In many workplaces today, and especially on LinkedIn, the word narcissist gets tossed around like confetti.
It seems that everyone has an opinion on fellow team members’ mental health now.
A teammate pushes back on an idea? “Classic narcissist.”
A manager insists on a deadline? “Total narcissist.”
Most of these snap judgements aren’t clinical insight, they’re armchair diagnoses.
And once that label is out there, the conversation stops being about what actually happened.
It becomes personal, polarizing, and unfair, playing the man and not the ball.
Ironically, the urge to brand someone as disordered can be just as self-centred as the behavior it claims to expose.
It gives the accuser a rush of moral superiority while leaving the team no closer to resolving the real issue, ie. the specific behavior that triggered the conflict.
That’s why I built SpatzAI.
Instead of labelling the person, SpatzAI helps teams name the behavior as it happens.
A colleague interrupts?
You raise a verbal Caution.
If the caution is ignored or challenged?
You issue a formal Caution using the SpatzChat app.

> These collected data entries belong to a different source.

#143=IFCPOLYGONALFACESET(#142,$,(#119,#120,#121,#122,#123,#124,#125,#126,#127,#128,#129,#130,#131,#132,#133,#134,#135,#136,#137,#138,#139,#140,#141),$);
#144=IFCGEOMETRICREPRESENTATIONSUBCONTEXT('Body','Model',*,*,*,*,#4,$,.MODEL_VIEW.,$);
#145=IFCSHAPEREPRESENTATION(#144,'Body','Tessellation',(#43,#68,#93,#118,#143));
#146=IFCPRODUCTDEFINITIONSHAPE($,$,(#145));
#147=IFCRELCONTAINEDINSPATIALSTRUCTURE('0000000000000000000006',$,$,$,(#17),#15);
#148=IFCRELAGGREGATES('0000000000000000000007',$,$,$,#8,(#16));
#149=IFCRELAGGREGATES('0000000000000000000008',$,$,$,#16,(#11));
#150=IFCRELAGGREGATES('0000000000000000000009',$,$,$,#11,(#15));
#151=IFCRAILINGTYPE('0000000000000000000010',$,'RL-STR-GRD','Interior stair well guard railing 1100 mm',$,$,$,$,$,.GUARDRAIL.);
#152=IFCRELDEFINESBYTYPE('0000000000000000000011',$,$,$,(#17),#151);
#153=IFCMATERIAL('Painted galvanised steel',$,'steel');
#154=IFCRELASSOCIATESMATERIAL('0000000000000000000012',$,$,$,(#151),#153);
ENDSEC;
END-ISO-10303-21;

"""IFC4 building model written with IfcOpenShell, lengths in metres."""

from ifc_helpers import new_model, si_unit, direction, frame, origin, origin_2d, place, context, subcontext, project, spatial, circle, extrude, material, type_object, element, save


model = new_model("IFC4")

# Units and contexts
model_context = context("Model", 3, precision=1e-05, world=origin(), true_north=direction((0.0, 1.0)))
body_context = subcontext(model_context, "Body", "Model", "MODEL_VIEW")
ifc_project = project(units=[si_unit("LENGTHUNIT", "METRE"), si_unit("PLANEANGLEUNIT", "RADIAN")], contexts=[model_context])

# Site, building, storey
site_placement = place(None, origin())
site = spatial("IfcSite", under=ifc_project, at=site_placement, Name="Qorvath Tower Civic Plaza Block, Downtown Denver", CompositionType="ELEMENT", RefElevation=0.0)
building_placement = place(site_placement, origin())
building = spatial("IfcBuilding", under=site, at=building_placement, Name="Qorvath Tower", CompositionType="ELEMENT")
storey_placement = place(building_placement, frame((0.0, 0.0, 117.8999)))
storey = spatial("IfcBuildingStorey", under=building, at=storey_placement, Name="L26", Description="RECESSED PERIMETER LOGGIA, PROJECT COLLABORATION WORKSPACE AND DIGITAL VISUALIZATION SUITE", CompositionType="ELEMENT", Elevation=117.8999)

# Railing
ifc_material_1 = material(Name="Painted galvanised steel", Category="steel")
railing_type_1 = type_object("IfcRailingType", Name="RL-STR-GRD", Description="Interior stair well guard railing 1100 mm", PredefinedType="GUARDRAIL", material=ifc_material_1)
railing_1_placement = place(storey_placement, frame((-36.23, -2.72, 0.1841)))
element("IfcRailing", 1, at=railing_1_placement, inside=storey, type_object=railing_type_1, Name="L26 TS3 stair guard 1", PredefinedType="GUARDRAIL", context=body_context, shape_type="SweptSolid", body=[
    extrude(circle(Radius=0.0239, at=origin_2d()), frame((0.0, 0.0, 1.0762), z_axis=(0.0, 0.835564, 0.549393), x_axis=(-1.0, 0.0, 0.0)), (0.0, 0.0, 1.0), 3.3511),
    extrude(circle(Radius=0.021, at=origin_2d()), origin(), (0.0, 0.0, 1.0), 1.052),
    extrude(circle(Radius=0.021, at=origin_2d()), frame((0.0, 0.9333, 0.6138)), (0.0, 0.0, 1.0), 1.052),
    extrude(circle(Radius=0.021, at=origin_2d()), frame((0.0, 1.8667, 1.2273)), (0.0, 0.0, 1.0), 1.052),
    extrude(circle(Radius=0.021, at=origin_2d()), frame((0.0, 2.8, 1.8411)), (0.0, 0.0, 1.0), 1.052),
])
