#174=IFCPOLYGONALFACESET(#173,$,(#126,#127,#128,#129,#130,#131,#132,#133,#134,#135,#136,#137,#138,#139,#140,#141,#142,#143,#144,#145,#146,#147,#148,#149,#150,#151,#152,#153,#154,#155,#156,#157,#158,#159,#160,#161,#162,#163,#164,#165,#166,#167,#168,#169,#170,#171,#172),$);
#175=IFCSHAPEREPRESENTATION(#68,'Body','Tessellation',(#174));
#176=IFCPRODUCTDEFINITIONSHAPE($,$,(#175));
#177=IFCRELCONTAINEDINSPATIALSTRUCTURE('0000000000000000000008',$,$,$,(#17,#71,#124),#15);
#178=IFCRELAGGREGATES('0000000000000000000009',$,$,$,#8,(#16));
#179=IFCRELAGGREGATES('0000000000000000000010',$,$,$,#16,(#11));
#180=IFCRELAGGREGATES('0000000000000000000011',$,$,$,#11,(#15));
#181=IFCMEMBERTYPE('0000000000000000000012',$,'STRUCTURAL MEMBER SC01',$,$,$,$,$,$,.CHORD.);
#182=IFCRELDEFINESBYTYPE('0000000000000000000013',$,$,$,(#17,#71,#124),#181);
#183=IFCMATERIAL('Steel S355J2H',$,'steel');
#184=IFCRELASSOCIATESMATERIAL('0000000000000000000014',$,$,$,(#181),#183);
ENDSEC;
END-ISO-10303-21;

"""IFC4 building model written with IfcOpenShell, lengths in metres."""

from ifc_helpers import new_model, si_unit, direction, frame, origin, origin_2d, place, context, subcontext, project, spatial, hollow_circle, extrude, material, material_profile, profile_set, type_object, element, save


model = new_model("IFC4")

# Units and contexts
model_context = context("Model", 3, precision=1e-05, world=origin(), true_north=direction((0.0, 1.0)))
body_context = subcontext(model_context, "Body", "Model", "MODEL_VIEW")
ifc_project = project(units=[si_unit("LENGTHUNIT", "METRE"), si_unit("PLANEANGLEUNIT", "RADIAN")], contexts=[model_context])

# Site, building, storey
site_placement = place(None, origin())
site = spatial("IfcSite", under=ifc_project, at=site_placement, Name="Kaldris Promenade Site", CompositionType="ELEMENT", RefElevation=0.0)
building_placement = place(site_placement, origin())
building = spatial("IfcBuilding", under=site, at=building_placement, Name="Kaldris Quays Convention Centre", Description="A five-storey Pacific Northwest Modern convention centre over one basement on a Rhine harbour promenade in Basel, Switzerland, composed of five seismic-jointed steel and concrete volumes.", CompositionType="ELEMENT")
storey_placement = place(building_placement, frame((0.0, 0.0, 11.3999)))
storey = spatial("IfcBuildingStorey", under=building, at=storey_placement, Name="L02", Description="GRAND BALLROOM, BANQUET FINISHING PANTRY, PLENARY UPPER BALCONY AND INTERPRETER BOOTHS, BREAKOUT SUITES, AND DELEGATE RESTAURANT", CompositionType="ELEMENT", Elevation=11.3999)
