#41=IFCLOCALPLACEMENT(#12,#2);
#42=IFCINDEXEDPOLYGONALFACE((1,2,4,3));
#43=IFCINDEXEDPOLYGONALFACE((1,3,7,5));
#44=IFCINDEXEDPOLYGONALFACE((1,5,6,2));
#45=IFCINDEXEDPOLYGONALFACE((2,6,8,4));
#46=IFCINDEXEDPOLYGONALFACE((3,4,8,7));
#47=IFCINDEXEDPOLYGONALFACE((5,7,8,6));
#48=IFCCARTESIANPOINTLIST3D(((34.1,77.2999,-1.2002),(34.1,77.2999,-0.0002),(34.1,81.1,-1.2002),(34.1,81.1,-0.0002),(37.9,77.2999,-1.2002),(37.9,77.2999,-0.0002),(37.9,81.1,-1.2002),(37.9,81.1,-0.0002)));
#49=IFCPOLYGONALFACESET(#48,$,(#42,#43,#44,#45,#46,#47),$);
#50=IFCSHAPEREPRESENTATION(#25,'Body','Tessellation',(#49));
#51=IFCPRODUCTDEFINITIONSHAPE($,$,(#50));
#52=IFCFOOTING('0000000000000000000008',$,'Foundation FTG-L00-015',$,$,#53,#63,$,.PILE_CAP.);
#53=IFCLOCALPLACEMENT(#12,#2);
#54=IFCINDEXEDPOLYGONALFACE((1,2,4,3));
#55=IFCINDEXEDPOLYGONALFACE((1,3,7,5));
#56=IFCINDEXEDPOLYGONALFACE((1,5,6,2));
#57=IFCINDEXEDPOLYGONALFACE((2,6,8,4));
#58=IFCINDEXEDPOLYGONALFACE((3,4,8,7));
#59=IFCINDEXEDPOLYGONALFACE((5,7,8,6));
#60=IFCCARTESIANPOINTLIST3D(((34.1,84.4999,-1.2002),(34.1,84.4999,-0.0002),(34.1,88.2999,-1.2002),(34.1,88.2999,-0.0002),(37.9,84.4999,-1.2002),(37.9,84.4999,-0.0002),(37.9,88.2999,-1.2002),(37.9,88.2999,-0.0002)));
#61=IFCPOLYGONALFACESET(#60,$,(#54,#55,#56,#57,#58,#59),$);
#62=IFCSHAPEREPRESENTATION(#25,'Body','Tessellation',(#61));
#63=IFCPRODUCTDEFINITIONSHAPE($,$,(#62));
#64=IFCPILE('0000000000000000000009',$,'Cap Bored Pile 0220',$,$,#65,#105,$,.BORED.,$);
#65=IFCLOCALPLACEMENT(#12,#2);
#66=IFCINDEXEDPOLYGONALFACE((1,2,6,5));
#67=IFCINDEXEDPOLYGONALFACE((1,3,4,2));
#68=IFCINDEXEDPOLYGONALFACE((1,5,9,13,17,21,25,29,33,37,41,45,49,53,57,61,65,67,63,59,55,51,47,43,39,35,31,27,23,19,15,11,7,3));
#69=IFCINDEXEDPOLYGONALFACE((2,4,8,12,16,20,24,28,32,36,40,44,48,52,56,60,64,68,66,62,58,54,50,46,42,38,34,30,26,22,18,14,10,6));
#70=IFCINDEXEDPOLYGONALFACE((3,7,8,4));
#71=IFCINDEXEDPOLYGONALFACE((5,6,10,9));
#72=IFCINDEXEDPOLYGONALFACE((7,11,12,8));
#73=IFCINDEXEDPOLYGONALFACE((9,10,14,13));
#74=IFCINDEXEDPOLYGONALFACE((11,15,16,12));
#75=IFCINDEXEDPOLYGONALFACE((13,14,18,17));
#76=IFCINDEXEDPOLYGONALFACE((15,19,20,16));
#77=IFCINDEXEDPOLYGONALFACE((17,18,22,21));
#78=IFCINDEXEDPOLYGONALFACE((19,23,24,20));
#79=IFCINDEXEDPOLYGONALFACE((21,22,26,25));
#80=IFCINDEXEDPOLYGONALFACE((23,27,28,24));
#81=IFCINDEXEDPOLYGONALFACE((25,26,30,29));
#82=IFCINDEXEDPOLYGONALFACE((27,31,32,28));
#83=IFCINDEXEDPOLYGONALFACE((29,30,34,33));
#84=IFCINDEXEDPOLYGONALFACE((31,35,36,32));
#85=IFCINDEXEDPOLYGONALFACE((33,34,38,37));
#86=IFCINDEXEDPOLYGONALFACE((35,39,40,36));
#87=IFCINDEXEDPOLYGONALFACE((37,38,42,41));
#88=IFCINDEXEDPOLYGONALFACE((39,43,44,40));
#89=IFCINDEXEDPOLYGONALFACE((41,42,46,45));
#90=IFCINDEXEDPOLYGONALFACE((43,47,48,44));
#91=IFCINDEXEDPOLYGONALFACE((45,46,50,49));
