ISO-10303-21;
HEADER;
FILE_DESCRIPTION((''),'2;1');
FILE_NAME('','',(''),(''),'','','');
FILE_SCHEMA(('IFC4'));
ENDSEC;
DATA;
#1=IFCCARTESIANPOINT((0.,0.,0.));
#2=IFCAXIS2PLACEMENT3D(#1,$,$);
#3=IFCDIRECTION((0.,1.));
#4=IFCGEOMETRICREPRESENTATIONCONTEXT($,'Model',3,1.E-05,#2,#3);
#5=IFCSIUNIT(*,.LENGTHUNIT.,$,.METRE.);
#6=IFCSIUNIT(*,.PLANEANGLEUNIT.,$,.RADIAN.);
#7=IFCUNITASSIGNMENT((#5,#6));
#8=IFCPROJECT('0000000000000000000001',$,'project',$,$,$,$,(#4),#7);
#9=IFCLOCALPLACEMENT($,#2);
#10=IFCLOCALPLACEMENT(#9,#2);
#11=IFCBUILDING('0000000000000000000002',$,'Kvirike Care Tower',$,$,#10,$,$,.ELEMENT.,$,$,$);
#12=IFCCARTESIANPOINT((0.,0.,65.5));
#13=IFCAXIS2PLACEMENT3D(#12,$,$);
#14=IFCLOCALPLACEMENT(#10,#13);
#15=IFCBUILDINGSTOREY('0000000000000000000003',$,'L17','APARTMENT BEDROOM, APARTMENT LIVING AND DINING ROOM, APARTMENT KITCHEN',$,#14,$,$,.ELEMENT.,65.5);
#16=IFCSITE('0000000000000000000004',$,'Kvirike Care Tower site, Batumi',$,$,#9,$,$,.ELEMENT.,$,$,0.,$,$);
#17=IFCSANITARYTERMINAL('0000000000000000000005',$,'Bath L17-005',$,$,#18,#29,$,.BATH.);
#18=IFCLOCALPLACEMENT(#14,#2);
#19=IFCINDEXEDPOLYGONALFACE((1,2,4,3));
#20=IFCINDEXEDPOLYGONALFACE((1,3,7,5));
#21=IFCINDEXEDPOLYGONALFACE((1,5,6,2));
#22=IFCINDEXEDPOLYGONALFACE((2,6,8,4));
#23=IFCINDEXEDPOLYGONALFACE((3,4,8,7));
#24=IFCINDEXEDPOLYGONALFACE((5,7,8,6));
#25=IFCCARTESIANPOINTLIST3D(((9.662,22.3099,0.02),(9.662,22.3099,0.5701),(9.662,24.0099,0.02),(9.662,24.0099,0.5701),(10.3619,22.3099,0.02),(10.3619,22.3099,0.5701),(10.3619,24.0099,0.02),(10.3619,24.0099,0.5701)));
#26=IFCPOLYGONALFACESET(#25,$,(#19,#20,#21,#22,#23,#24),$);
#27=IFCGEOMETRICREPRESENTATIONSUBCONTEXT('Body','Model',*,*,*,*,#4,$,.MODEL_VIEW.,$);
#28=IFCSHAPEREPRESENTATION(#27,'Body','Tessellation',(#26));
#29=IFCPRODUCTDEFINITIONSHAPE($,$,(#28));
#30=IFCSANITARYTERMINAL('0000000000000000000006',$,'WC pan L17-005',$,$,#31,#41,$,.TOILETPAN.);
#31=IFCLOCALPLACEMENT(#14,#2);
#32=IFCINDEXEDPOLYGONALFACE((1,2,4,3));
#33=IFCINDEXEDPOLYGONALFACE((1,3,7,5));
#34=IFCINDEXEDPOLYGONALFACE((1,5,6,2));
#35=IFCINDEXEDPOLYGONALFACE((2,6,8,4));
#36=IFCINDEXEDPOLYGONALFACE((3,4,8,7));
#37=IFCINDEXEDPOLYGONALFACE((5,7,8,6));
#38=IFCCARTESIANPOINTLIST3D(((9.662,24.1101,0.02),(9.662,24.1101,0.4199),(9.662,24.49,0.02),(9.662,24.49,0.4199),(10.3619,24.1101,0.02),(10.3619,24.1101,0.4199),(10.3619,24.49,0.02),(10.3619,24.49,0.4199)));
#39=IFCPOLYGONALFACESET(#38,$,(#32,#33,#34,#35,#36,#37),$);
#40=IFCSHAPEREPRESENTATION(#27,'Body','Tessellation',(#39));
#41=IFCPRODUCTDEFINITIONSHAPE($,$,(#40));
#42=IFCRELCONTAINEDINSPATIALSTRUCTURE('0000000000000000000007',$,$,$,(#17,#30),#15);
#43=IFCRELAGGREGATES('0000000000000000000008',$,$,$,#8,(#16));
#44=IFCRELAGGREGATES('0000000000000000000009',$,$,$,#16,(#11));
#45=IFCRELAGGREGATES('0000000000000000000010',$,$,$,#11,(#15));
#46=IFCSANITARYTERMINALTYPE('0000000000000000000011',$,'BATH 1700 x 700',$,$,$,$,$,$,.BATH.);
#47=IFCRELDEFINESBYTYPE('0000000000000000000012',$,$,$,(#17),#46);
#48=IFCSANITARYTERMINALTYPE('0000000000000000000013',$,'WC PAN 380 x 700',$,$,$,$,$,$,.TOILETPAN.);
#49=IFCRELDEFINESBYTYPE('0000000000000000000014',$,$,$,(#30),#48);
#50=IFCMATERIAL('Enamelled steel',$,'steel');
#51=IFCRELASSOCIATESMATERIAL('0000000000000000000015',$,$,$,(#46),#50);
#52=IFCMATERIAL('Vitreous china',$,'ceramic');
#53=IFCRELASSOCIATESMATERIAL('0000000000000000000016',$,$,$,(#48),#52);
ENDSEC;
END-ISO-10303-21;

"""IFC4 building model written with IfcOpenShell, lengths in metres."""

from ifc_helpers import new_model, si_unit, direction, frame, origin, origin_2d, place, context, subcontext, project, spatial, rectangle, extrude, material, type_object, element, save


model = new_model("IFC4")

# Units and contexts
model_context = context("Model", 3, precision=1e-05, world=origin(), true_north=direction((0.0, 1.0)))
body_context = subcontext(model_context, "Body", "Model", "MODEL_VIEW")
ifc_project = project(units=[si_unit("LENGTHUNIT", "METRE"), si_unit("PLANEANGLEUNIT", "RADIAN")], contexts=[model_context])

# Site, building, storey
site_placement = place(None, origin())
site = spatial("IfcSite", under=ifc_project, at=site_placement, Name="Kvirike Care Tower site, Batumi", CompositionType="ELEMENT", RefElevation=0.0)
building_placement = place(site_placement, origin())
building = spatial("IfcBuilding", under=site, at=building_placement, Name="Kvirike Care Tower", CompositionType="ELEMENT")
storey_placement = place(building_placement, frame((0.0, 0.0, 65.5)))
storey = spatial("IfcBuildingStorey", under=building, at=storey_placement, Name="L17", Description="APARTMENT BEDROOM, APARTMENT LIVING AND DINING ROOM, APARTMENT KITCHEN", CompositionType="ELEMENT", Elevation=65.5)

# Sanitary terminals
ifc_material_1 = material(Name="Enamelled steel", Category="steel")
sanitary_terminal_type_1 = type_object("IfcSanitaryTerminalType", Name="BATH 1700 x 700", PredefinedType="BATH", material=ifc_material_1)
sanitary_terminal_1_placement = place(storey_placement, frame((10.012, 23.1599, 0.02), z_axis=(0.0, 0.0, 1.0), x_axis=(0.0, 1.0, 0.0)))
element("IfcSanitaryTerminal", 1, at=sanitary_terminal_1_placement, inside=storey, type_object=sanitary_terminal_type_1, Name="Bath L17-005", PredefinedType="BATH", context=body_context, shape_type="SweptSolid", body=[
    extrude(rectangle(XDim=1.7, YDim=0.7, at=origin_2d()), origin(), (0.0, 0.0, 1.0), 0.55),
])
ifc_material_2 = material(Name="Vitreous china", Category="ceramic")
sanitary_terminal_type_2 = type_object("IfcSanitaryTerminalType", Name="WC PAN 380 x 700", PredefinedType="TOILETPAN", material=ifc_material_2)
sanitary_terminal_2_placement = place(storey_placement, frame((10.012, 24.3, 0.02), z_axis=(0.0, 0.0, 1.0), x_axis=(0.0, 1.0, 0.0)))
element("IfcSanitaryTerminal", 2, at=sanitary_terminal_2_placement, inside=storey, type_object=sanitary_terminal_type_2, Name="WC pan L17-005", PredefinedType="TOILETPAN", context=body_context, shape_type="SweptSolid", body=[
    extrude(rectangle(XDim=0.3799, YDim=0.7, at=origin_2d()), origin(), (0.0, 0.0, 1.0), 0.3999),
])

save(model, "model.ifc")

If unresolved, then issue a formal Objection
If it still isn’t resolved, you send a formal Stop and get the team and AI to review the incident together.

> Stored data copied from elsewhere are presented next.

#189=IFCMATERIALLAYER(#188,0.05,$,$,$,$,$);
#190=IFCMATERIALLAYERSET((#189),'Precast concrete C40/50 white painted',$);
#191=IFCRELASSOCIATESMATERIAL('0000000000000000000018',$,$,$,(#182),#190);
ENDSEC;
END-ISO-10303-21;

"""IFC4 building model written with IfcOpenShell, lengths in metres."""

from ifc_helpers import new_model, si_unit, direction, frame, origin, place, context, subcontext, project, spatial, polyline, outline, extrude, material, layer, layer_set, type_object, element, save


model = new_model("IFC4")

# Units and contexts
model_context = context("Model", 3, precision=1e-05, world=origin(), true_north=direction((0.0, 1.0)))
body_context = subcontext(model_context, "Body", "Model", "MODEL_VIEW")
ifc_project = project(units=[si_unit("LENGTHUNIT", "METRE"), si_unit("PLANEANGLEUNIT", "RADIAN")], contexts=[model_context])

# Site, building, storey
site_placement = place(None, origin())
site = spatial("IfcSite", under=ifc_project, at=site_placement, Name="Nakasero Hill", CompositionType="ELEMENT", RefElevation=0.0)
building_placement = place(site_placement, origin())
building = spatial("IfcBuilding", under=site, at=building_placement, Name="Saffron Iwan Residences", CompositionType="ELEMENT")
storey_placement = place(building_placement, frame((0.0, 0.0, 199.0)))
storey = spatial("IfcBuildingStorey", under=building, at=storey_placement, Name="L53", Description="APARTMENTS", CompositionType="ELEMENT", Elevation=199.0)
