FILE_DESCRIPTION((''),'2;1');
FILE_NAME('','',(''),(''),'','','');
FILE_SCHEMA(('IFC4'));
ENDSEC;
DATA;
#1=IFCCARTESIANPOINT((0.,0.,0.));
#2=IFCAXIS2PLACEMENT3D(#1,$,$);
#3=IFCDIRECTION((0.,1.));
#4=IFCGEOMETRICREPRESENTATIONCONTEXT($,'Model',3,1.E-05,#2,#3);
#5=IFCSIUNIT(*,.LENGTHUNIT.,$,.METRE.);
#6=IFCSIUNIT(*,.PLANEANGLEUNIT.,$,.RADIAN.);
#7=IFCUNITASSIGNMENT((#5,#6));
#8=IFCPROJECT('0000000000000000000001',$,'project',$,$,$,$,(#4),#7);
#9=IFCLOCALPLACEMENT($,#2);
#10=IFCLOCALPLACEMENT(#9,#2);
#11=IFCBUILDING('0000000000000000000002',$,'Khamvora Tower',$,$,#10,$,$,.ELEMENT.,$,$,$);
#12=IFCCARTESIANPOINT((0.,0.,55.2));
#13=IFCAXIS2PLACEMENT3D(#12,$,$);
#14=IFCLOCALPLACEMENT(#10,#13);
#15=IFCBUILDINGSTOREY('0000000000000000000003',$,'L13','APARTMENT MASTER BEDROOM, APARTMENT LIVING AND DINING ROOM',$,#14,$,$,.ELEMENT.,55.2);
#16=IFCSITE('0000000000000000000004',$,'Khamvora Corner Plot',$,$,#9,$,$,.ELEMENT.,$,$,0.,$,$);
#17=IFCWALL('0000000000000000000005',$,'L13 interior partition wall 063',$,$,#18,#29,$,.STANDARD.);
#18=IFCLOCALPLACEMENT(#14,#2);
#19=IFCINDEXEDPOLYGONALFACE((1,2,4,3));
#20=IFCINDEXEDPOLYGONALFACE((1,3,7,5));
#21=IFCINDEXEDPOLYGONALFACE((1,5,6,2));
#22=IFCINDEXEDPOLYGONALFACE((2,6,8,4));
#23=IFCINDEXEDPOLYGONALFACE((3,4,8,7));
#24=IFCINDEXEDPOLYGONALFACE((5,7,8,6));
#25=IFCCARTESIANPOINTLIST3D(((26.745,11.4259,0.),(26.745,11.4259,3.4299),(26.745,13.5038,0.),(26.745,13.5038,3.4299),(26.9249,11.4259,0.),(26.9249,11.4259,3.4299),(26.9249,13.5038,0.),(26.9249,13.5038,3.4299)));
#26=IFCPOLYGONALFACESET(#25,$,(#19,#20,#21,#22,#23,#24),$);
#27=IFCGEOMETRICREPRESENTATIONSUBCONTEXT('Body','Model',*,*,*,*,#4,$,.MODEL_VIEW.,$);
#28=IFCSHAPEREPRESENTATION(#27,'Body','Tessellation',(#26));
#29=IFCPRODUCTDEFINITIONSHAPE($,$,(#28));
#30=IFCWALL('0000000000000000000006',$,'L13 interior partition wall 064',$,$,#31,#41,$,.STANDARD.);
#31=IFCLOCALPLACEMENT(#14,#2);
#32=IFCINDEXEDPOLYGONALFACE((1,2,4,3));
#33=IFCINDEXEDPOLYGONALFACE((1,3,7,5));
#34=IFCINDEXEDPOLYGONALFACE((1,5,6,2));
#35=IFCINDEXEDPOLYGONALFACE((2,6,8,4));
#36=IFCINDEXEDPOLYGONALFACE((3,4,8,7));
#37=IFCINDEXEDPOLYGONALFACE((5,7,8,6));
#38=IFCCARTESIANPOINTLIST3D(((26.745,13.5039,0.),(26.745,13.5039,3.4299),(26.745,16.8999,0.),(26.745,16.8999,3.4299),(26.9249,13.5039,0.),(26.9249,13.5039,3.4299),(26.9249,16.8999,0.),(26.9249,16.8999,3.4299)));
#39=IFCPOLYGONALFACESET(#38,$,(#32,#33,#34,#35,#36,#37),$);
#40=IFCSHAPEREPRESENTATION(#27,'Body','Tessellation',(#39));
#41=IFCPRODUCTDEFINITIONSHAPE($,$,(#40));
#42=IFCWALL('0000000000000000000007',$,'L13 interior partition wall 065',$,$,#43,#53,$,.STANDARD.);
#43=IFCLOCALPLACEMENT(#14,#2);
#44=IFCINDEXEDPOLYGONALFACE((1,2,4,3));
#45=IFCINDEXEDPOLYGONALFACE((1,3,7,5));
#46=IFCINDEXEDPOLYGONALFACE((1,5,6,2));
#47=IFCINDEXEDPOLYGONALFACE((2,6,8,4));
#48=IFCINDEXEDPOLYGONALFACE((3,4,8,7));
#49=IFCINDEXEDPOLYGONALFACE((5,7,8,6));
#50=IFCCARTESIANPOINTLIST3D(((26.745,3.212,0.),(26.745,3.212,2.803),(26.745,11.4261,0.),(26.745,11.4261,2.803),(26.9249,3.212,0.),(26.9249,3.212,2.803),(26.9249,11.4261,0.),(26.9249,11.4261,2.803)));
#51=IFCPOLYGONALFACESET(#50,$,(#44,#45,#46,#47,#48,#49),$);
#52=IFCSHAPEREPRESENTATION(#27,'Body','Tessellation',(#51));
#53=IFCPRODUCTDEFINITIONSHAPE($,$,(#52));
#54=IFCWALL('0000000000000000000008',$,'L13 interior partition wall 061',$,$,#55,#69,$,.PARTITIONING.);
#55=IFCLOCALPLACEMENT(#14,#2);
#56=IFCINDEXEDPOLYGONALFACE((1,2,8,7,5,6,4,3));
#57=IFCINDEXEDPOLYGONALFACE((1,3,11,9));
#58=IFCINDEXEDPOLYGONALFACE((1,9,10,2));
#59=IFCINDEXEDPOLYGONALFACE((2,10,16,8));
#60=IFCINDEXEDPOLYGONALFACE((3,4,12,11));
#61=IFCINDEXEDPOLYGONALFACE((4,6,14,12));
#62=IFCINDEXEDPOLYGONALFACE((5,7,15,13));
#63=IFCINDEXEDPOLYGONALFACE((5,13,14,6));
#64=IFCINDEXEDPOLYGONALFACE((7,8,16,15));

By sticking to observable actions, not personality profiles, SpatzAI keeps everyone on equal footing.
It turns what could become a toxic accusation loop into a structured, fair process for addressing micro-conflicts in real-time.
Before we reach for labels like “narcissist,” let’s remember: most workplace tensions aren’t mental-health disorders.
They’re behaviors that can be discussed, corrected, and moved past.
Let’s replace the amateur diagnosing trend with objective, behavior-based conversation.
That’s how teams build fairness, and that’s the future SpatzAI is aiming for.